(pwc) 1993 veröffentlichte LJN WWF King of the Ring – ein Spiel zu einem in der Regel jährlich stattfindenden Turnier innerhalb der WWF. Im K.-o.-System kämpft man sich mit seinem Wrestler durch das Achtel-, Viertel- und Halbfinale bis ins Finale, um am Ende zum König des Rings zu werden.
Doch WWF King of the Ring bietet noch viel mehr:
Acht auswählbare Wrestler stehen zur Verfügung, und das Roster kann sich sehen lassen. Mit Hulk Hogan, dem „Macho Man“ Randy Savage, Mr. Perfect, Bret „The Hitman“ Hart, Yokozuna, Razor Ramon, Shawn Michaels und The Narcissist Lex Luger sind hochkarätige Kämpfer spielbar. Die in der NES-Version enthaltenen Wrestler Undertaker und Bam Bam Bigelow fehlen leider in der Game-Boy-Fassung. Erstmals haben wir außerdem die Möglichkeit, einen eigenen Wrestler zu erstellen. Die Einstellmöglichkeiten sind allerdings bescheiden: Nachdem wir einen dreibuchstabigen Namen vergeben haben, können wir an den Attributen drehen. Schnelligkeit, Stärke und Ausdauer lassen sich nach Belieben modifizieren. Erhöhen wir ein Attribut, sinken automatisch die beiden anderen.
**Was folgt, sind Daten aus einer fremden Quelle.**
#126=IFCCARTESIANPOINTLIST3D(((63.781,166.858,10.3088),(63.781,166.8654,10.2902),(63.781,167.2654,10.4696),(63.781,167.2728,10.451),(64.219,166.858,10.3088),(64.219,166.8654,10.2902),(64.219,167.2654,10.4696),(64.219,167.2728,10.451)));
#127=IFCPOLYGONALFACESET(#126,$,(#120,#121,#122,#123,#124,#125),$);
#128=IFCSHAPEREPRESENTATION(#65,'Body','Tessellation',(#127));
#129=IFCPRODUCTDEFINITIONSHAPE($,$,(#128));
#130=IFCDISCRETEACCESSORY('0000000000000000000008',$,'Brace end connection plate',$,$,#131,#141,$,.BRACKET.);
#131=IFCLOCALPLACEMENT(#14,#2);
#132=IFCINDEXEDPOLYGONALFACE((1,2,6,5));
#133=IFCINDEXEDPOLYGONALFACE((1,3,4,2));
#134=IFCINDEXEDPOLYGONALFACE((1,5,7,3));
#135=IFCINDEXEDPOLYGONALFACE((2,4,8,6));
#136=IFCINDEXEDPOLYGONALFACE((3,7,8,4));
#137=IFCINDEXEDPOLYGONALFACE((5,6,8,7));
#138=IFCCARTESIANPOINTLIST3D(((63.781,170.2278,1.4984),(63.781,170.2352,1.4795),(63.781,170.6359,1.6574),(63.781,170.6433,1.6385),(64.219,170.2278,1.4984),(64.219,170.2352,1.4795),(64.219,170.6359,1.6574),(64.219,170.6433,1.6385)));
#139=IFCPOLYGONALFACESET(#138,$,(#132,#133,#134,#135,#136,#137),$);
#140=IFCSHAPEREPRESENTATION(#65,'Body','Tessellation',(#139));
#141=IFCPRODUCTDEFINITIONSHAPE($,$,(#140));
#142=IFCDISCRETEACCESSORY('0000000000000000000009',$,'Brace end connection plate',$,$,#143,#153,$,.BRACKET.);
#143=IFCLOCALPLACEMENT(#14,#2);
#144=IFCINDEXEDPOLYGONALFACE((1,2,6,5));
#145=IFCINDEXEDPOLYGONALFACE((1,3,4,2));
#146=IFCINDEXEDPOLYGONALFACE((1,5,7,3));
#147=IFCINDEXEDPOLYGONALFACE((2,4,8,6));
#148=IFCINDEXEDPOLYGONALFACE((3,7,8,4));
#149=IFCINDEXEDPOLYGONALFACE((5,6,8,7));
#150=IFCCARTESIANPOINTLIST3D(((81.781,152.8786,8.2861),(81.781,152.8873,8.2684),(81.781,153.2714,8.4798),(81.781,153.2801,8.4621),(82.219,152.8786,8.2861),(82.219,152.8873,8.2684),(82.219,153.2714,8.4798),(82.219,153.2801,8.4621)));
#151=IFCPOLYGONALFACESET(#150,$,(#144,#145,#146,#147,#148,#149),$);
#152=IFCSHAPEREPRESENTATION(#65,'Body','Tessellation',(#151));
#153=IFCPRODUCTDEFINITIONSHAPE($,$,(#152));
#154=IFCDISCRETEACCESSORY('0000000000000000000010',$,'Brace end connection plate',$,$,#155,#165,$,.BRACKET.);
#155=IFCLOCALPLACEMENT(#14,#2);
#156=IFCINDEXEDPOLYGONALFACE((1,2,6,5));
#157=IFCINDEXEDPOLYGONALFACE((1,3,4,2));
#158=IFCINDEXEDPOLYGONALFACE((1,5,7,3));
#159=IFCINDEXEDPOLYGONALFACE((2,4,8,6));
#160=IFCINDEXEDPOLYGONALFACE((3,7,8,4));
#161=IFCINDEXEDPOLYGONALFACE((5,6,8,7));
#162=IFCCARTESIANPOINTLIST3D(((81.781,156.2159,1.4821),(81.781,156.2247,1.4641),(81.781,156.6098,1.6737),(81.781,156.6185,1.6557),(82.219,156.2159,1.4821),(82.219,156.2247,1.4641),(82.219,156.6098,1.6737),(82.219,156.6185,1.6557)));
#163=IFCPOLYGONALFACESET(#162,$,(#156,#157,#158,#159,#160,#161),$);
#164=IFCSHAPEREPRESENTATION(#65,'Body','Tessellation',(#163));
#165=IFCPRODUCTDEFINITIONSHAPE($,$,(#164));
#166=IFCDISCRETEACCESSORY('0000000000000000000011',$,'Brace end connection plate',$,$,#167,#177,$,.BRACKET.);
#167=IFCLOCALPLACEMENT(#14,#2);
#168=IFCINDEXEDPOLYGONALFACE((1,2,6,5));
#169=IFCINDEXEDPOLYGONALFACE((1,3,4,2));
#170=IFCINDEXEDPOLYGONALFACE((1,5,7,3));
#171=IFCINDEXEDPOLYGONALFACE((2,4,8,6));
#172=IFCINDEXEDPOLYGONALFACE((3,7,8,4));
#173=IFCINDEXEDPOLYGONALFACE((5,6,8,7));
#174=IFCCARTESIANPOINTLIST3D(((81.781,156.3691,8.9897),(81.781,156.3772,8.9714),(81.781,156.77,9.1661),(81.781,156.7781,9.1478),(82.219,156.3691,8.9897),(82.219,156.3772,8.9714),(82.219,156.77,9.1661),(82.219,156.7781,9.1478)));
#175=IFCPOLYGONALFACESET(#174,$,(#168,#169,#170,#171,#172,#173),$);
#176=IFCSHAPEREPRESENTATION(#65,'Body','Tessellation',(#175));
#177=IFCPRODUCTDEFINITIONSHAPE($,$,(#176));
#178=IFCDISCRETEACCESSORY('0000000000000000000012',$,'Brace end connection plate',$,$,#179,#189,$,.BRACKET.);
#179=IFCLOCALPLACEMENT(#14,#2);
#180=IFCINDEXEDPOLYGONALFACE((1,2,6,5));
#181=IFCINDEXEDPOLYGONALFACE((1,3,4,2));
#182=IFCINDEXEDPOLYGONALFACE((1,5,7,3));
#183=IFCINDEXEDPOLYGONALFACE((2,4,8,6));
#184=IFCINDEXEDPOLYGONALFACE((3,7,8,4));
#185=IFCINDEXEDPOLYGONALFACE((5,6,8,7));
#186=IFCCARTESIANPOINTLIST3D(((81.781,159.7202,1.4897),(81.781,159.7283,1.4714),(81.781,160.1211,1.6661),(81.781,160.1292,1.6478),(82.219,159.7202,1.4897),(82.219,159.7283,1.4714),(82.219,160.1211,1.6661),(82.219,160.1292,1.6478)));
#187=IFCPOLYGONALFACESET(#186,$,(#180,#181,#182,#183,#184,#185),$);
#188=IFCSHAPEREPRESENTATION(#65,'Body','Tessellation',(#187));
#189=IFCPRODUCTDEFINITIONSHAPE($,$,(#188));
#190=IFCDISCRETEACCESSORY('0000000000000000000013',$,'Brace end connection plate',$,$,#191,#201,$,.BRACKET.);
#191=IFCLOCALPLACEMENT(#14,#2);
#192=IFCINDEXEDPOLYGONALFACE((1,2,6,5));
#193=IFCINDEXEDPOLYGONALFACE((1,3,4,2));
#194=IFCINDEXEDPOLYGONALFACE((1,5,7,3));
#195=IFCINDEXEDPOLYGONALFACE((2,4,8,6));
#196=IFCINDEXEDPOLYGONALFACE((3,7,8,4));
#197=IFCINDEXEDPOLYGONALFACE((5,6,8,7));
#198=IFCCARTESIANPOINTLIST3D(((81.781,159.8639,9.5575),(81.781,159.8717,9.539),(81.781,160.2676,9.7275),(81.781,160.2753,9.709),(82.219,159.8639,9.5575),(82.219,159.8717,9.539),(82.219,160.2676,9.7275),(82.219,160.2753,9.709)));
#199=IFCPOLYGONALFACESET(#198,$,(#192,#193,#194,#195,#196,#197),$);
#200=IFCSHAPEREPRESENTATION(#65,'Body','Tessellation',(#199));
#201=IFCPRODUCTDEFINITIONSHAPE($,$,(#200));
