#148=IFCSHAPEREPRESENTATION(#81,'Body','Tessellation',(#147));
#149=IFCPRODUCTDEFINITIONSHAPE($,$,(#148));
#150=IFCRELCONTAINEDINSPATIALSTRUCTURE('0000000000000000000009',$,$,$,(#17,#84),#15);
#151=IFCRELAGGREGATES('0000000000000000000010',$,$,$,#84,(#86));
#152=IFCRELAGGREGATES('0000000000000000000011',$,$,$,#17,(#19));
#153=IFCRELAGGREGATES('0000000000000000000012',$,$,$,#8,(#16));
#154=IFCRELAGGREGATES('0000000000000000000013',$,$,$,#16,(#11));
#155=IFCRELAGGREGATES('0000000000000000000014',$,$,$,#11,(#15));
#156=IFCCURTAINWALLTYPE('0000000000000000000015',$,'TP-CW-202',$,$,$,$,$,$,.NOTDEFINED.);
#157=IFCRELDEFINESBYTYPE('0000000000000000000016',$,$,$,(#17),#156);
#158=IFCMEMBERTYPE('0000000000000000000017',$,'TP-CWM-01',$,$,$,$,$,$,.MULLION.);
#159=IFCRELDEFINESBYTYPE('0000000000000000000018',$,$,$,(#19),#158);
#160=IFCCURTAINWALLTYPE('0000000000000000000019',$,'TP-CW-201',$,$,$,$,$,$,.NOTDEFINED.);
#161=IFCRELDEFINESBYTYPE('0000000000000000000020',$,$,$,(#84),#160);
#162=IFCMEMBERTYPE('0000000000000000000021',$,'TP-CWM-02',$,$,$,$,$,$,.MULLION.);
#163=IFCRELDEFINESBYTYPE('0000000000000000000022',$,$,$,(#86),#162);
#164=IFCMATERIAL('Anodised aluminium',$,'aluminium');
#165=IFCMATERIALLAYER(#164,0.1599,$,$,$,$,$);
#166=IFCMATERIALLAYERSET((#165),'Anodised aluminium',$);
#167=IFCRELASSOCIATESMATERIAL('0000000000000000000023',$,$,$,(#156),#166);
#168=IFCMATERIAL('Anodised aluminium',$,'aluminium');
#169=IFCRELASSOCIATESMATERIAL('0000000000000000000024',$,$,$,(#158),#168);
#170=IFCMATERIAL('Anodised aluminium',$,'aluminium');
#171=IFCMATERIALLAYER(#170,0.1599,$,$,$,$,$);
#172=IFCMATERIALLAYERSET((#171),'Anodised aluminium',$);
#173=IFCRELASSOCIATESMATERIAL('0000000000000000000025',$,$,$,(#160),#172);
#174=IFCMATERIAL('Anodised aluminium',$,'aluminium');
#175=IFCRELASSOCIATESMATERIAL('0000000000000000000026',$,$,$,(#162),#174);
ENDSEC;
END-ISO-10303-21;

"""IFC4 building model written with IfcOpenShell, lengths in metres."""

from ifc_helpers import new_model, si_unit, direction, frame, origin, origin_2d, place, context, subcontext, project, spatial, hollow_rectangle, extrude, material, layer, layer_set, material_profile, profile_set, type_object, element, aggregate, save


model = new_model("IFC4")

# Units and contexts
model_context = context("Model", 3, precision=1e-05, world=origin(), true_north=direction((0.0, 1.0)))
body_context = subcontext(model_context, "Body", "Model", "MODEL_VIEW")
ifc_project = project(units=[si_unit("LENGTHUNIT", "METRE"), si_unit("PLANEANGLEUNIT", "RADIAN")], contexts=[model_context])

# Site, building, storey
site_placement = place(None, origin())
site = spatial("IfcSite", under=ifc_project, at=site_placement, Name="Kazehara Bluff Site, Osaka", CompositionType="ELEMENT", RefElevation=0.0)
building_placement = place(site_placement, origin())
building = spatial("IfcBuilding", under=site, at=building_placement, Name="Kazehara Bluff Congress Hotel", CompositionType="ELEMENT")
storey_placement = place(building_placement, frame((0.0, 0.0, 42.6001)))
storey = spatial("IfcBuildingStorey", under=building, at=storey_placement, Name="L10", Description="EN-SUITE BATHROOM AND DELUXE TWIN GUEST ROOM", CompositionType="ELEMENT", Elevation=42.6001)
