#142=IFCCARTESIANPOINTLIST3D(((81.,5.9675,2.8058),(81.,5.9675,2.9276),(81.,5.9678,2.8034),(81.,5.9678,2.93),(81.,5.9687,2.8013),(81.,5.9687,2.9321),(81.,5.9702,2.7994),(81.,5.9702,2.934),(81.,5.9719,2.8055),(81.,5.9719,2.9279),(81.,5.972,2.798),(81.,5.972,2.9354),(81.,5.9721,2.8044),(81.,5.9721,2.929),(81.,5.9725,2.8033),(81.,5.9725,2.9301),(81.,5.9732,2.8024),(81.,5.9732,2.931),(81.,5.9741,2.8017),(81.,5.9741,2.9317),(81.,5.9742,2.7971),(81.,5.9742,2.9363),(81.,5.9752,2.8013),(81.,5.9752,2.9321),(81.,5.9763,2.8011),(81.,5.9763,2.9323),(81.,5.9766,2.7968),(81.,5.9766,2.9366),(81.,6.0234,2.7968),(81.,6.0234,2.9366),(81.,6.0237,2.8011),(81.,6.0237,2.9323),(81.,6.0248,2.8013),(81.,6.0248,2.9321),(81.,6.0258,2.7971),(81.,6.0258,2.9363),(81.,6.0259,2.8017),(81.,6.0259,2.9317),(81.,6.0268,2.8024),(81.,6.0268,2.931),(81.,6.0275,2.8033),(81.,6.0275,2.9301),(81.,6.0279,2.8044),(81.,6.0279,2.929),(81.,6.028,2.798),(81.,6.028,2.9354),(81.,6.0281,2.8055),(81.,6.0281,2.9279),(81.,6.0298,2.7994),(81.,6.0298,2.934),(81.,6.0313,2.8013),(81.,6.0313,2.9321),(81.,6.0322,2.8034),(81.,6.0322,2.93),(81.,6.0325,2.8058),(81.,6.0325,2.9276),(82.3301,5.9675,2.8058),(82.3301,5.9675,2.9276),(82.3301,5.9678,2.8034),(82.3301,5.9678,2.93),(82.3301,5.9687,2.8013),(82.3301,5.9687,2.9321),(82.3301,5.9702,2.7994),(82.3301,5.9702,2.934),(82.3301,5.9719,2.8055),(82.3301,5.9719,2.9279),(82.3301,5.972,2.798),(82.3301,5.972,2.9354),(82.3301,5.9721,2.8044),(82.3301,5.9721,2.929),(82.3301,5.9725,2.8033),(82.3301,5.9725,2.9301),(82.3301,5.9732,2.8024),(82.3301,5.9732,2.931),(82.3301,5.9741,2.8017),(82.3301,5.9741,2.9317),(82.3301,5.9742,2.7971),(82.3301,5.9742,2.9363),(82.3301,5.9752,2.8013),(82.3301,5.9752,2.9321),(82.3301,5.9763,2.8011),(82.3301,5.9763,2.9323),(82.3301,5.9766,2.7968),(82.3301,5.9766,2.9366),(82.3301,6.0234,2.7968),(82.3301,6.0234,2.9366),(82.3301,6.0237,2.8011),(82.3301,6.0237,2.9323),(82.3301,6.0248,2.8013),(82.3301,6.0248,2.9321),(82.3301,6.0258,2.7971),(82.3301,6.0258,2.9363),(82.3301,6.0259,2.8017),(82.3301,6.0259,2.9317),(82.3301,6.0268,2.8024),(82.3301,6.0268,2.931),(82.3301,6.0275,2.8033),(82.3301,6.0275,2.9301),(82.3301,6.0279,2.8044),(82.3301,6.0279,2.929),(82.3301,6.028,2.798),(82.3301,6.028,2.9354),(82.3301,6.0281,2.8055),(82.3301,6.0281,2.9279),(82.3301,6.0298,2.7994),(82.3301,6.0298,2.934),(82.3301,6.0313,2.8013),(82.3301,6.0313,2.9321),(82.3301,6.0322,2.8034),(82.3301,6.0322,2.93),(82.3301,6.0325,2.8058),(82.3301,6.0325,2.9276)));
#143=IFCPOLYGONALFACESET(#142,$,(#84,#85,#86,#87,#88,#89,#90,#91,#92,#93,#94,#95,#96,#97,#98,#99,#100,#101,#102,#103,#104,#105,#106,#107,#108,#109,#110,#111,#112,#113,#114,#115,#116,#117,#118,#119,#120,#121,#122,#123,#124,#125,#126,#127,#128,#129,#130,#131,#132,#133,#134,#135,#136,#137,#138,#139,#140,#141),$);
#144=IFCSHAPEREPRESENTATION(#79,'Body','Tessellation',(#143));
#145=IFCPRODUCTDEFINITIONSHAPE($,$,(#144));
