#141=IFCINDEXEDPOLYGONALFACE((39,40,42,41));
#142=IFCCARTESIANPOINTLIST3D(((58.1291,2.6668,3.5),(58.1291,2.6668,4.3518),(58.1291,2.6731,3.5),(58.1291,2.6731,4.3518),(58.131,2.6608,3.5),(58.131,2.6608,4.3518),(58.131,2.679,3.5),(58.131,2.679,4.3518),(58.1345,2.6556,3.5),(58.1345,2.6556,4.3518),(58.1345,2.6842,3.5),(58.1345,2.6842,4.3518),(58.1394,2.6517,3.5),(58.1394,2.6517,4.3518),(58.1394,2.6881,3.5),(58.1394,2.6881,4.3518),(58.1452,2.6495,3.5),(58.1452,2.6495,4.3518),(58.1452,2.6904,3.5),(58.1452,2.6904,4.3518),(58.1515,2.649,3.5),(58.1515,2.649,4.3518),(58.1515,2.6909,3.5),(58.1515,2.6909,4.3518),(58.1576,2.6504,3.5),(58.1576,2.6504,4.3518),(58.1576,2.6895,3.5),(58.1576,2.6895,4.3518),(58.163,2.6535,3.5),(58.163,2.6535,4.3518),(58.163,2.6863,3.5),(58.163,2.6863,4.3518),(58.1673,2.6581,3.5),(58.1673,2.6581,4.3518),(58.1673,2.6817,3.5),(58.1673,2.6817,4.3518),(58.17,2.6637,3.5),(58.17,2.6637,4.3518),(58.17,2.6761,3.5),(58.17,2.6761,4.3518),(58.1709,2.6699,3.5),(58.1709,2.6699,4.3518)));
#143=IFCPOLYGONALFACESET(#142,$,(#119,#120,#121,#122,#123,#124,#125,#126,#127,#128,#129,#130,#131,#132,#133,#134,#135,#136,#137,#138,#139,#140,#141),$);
Das war’s dann auch schon.
Im Optionsmenü können wir entscheiden, ob wir gegen den Computer antreten, ein Zwei-Spieler-Match bestreiten, ein Tag-Team-Match wählen, an der WWF-Meisterschaft teilnehmen oder uns dem King of the Ring-Turnier stellen möchten. Bis auf die King of the Ring-Auswahl sind alle Modi bereits aus WWF Superstars und WWF Superstars 2 bekannt. Widmen wir uns also direkt dem Turnier:
Nachdem ein Wrestler gewählt wurde (der eigens erstellte Wrestler kann leider nicht antreten), befinden wir uns im Viertelfinale. Das heißt, acht Wrestler kämpfen in vier Matches parallel gegeneinander. Der Gewinner eines Kampfes zieht eine Runde weiter – ins Halbfinale und schließlich ins Finale. Aufgeteilt sind die Wrestler in zwei Roster à vier Kämpfer. Alle anderen Kämpfe werden vom Game Boy simuliert. Im Endeffekt bestreiten wir inklusive des Finalkampfs nur drei Matches.
Ein großes, generelles Manko, das alle Kämpfer gleichermaßen betrifft, ist die sich nur sehr langsam leerende Energieanzeige. Es sind extrem viele Angriffe nötig, um einen Gegner durch Pinfall zu besiegen. Wenn wir den Schwierigkeitsgrad auf Easy stellen, ist der Gegner zwar leichter zu treffen, wodurch die Kämpfe schneller ablaufen, doch die Monotonie bleibt. Nach relativ kurzer Zeit stellt sich Langeweile ein – glücklicherweise erreichen wir unser Ziel, König des Rings zu werden, bereits nach drei Kämpfen.
Ganz anders sieht es im WWF-Meisterschaftsmodus aus: Hier müssen alle sieben Kämpfer bezwungen werden, bevor wir den Siegergürtel in den Händen halten dürfen. Ein unglaublich zermürbendes Spielerlebnis – doch hier kommt uns die Möglichkeit zugute, unseren eigenen Wrestler ins Rennen zu schicken. Stellt man das Attribut Stärke auf Maximum und den Schwierigkeitsgrad auf Easy, lässt sich zumindest halbwegs Gefallen am Spiel finden.
Leider ist das Charakterdesign im Vergleich zu den Vorgängerspielen nicht besonders gelungen. Zwar sind mehr Details wie Brust- und Bauchmuskulatur zu erkennen, doch die Gesichter wirken unfertig – fast schon gespenstisch, wenn der Mund fehlt. Auch das Publikum im Hintergrund wurde nur oberflächlich gestaltet. In WWF Superstars 2 machte sich die Zuschauermenge noch bemerkbar – ein Detail, das in WWF King of the Ring weggelassen wurde.